3.1. Data Characterization

The highest observed LAI values were obtained at the final stage in October with mean, minimum, and maximum values of 2.02, 0.13, and 4.21, respectively. For August and September, the mean LAI values were around 1.5, the minimum values were 0.14, and the maximum values were approximately 3.5. According to the coefficient of variation of LAI that varied about 50%, and the q0.975–q0.25 amplitude, the LAI values for all periods were not homogeneous—in particular, for August and September (

Table 2. Leaf area index (LAI) characterization and summary based on the 46 observations made in each period.
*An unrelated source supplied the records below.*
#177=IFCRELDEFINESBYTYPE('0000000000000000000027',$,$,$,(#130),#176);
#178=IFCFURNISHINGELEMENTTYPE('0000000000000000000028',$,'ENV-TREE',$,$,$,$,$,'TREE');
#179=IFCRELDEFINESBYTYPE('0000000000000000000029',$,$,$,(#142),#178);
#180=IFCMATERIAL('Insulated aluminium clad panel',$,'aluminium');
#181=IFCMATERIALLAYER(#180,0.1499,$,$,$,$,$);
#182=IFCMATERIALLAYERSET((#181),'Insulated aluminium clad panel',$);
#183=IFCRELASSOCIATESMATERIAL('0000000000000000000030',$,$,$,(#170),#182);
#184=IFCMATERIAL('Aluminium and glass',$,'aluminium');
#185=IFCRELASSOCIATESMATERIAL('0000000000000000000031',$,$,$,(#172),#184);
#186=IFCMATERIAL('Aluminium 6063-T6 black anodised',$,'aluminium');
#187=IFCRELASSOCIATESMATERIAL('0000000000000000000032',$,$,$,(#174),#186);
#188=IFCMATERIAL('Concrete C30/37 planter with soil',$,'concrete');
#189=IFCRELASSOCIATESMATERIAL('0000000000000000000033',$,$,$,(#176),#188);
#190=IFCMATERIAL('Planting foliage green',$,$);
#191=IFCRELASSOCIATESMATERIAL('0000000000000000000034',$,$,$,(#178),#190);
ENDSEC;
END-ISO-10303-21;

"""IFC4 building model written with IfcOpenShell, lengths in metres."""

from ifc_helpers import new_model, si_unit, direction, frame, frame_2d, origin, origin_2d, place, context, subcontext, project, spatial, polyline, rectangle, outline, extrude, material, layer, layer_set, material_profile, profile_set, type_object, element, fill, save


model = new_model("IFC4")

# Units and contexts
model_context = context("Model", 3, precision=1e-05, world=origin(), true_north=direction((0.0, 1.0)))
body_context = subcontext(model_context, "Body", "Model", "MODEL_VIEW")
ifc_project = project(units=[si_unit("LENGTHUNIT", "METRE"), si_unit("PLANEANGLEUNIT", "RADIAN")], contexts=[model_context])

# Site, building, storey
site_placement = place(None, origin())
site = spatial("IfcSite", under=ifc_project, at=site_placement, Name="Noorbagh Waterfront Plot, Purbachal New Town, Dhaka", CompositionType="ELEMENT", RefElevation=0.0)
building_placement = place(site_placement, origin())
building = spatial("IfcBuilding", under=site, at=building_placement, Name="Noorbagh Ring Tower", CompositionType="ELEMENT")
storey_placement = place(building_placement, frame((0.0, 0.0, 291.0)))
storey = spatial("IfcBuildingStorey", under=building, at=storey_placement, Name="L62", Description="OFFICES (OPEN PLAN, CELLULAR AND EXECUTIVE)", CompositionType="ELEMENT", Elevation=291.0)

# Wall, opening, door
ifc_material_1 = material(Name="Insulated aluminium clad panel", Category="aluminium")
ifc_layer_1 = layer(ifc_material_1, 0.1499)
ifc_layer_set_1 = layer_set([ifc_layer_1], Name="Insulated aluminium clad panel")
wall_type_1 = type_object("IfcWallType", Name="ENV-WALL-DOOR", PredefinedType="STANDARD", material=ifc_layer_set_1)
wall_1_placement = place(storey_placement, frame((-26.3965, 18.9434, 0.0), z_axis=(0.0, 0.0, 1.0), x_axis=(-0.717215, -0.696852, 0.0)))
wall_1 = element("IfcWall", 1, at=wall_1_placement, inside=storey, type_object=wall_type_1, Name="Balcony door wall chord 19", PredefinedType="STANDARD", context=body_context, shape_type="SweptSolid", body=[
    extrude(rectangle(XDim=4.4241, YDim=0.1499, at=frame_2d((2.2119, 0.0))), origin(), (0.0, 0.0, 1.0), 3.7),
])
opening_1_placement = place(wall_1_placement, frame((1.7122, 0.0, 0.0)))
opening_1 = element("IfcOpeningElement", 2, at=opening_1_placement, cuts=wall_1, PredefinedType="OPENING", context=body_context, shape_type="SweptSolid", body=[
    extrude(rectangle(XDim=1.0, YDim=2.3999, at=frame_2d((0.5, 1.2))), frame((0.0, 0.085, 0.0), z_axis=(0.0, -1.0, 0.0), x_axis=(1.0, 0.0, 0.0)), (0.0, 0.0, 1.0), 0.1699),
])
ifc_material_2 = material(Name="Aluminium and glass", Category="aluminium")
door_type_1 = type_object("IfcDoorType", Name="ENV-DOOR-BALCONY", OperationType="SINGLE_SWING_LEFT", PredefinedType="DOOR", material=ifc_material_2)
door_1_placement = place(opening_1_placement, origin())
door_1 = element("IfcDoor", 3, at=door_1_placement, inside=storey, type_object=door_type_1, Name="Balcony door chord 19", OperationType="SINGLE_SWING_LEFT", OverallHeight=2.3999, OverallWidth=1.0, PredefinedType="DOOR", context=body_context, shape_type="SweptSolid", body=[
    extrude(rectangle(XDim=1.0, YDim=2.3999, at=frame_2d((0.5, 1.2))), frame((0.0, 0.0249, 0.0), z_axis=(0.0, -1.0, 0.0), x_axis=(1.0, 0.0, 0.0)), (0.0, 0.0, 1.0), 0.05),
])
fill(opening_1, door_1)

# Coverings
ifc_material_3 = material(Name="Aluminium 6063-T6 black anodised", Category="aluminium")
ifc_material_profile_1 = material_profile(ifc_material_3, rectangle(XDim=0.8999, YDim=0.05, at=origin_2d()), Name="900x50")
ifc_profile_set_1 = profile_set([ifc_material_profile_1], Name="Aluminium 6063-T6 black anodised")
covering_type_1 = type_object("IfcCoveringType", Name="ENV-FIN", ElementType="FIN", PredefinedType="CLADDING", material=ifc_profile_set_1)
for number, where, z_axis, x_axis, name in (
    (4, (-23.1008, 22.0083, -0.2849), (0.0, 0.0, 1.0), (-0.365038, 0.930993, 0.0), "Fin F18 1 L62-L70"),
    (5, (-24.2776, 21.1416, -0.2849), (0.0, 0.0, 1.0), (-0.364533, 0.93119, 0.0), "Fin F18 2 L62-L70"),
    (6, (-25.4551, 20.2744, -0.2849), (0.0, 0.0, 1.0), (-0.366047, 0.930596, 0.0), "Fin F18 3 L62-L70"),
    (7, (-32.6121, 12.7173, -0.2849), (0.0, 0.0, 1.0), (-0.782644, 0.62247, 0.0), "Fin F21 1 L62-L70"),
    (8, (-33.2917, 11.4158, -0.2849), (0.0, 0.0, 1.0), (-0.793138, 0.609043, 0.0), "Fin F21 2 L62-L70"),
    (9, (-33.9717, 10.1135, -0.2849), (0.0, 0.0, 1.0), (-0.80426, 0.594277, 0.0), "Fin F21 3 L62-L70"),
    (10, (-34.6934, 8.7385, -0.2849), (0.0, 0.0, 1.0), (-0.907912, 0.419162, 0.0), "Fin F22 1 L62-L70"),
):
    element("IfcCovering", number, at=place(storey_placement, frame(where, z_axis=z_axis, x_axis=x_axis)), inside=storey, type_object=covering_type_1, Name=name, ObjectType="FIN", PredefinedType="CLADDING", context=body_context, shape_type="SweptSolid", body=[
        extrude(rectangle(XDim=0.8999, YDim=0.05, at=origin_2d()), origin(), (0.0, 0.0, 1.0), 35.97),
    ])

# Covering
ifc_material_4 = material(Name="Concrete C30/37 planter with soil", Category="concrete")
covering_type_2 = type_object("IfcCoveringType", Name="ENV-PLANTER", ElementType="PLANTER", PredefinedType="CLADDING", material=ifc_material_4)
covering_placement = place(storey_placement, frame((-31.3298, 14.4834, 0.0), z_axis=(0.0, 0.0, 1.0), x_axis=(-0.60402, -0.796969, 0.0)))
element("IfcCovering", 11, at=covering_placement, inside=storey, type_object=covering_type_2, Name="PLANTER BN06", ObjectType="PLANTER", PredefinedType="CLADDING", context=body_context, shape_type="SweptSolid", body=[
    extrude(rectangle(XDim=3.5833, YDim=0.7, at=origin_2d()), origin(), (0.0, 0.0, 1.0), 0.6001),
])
Period	Mean	SD	CV	q0.25	q0.75	Min	Max
August	1.581	0.909	0.575	0.156	3.214	0.103	3.630
September	1.657	0.951	0.574	0.170	3.125	0.170	3.540
October	2.018	1.061	0.526	0.185	4.131	0.130	4.210

Statistics calculated related to the LAI variable, mean; SD: standard deviation; CV: coefficient of variation; q0.25 and q0.75 describe the 25th and 75th LAI percentile; Min: minimum; and Max: maximum.

).

The density distribution of the LAI variable varying from 0.10 to 4.21 m is presented in Figure 2a. There are two peaks, around 1 and 2.5 m, thereby, indicating bi-modality. The LAI distribution demonstrated asymmetry with a heavy tail for high values. This bi-modality is more evident from September 2018. The spatial distribution of the LAI values within the chestnut grove are presented in Figure 2b.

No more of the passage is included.